По Церковной улице еще стлалась пыль от проехавшей машины. Но когда мальчик подъехал к Бабкину подворью, «тойота» уже въезжала в услужливо распахнувшиеся ворота. Семен увидел только затылок водителя. «Да Васюта это, Васюта! — успокоил он себя. — Его иномарка!»
А для верности, чтобы потом доказать неправоту приятеля, запомнил номер автомобиля.
Происшествие в «Астории»
Дежурная по этажу в третий раз набрала номер телефона. Опять длинные гудки. Постоялец из 543-й комнаты упорно не откликался. А ведь просил разбудить в пять утра: «Непременно, фрау! Непременно!»
— Господи! Помер он, что ли? — Дежурной очень не хотелось вставать с уютного дивана, на котором ей удалось подремать несколько ночных часов, и тащиться в конец коридора — будить проклятого немца.
Около полуночи Конрад Потт, или, как он сам себя шутливо именовал, Кондратий, вместе с приятелем поднялся на этаж из ресторана крепко подшофе и попросил обязательно разбудить его в пять часов.
У Елены Петровны уже тогда мелькнула мысль о том, что спозаранку поднять загулявшего Кондратия будет нелегко. Она попыталась возложить эту обязанность на приятеля Потта, тоже немца, занимавшего номер «люкс» напротив лифта, рядом с ее форпостом, но тот замотал головой:
— Найн, найн!
— Он, сукин сын, раньше десяти не поднимается.
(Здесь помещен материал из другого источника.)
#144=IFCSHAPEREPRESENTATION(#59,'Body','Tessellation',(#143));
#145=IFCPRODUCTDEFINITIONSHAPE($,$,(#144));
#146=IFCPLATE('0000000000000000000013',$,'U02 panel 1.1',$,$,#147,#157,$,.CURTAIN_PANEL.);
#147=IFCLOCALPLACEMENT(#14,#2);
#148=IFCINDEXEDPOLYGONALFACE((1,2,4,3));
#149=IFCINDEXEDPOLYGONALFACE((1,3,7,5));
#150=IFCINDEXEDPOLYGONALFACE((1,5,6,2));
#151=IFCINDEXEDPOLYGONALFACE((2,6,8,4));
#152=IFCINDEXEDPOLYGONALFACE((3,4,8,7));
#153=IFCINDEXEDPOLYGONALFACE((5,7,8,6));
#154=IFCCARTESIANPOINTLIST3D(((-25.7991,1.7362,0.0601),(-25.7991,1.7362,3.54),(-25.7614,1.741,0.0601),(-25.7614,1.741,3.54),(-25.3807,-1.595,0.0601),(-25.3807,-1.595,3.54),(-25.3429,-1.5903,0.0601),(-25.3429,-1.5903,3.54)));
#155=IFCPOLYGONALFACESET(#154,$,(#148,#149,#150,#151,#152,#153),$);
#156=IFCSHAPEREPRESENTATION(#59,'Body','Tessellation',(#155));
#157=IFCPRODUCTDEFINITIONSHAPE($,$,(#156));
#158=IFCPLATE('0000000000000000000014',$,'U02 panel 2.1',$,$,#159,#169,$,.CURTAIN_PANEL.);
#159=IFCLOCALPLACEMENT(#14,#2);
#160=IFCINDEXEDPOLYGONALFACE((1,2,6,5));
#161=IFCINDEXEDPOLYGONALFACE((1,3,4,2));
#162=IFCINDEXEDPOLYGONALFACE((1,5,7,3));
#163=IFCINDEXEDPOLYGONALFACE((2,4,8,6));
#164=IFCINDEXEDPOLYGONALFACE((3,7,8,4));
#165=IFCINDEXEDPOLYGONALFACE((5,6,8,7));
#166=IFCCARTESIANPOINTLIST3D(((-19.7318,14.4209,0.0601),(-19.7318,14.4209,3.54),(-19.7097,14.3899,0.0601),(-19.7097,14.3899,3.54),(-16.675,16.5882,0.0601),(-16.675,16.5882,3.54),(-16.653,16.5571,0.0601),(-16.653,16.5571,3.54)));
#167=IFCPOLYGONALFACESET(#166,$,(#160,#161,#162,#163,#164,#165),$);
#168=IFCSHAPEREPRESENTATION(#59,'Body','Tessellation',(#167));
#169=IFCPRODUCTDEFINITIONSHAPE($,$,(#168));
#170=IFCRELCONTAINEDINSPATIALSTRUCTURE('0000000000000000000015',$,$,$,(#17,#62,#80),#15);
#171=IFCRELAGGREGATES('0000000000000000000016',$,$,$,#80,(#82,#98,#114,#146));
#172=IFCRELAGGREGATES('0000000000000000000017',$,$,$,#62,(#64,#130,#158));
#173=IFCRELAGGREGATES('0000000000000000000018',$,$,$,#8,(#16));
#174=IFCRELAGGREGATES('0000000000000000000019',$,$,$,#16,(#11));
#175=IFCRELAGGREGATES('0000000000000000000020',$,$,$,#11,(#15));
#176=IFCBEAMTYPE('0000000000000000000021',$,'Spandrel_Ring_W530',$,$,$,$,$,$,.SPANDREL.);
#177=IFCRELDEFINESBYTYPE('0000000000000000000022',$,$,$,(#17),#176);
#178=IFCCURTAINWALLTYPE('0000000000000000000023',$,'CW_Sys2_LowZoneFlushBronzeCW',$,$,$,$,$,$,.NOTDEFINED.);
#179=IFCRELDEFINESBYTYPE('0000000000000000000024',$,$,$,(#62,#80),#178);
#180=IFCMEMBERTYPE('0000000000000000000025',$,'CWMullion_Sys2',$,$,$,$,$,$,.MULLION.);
Вы же знаете, фрейлейн, — усмехнулся Кондратий и шлепнул приятеля, выглядевшего куда трезвее, чем он сам, по узкому плечу.
Тягучие гудки все неслись и неслись из трубки, и дежурная подумала о том, что Кондратий, наверное, проснулся еще раньше и преспокойно уехал по своим делам. А ключи от номера увез с собой. Но не постучаться в дверь номера Елена Петровна не могла — если произойдет недоразумение, ее тут же уволят. А найти нынче в Питере приличную работу — задача почти неразрешимая.
Дежурная быстро сменила халат на форменное платье, провела гребенкой по пышным, черным как смоль волосам и легкими, почти неслышными шагами пустилась в путь по длинному слабо освещенному коридору.
Окно номера, в котором жил Потт, выходило в крошечный внутренний дворик-колодец. Когда Елена Петровна подошла к тому месту, где коридор сворачивал налево, это окно оказалось как раз напротив огромного коридорного окна. В 543-м номере горел свет, а сам Кондратий сидел в кресле у стола.
«Вот гад! — подумала дежурная. — Трубку поленился поднять! Ну, я его поприветствую с добрым утром!» Но, когда Елена Петровна подошла к двери номера, решимости у нее поубавилось: во время звонка Кондратий ведь мог принимать душ? Или занимался еще более серьезным делом. Поэтому, легонько постучав в дверь, она очень спокойно позвала:
— Герр Потт! Вы проснулись? — Постоялец не отвечал.
И это было странно. Елена Петровна только что видела его через окно спокойненько сидящим в кресле.
— Герр Потт! — окликнула она еще раз. Подергала ручку. Дверь не открывалась.
Дежурная вернулась к тому месту, откуда было видно окно номера. За незадернутыми шторами по-прежнему горела настольная лампа, а в кресле спокойно восседал Кондратий. Но сейчас она обратила внимание на то, что немец даже не изменил позы. Сидел неподвижно, как истукан.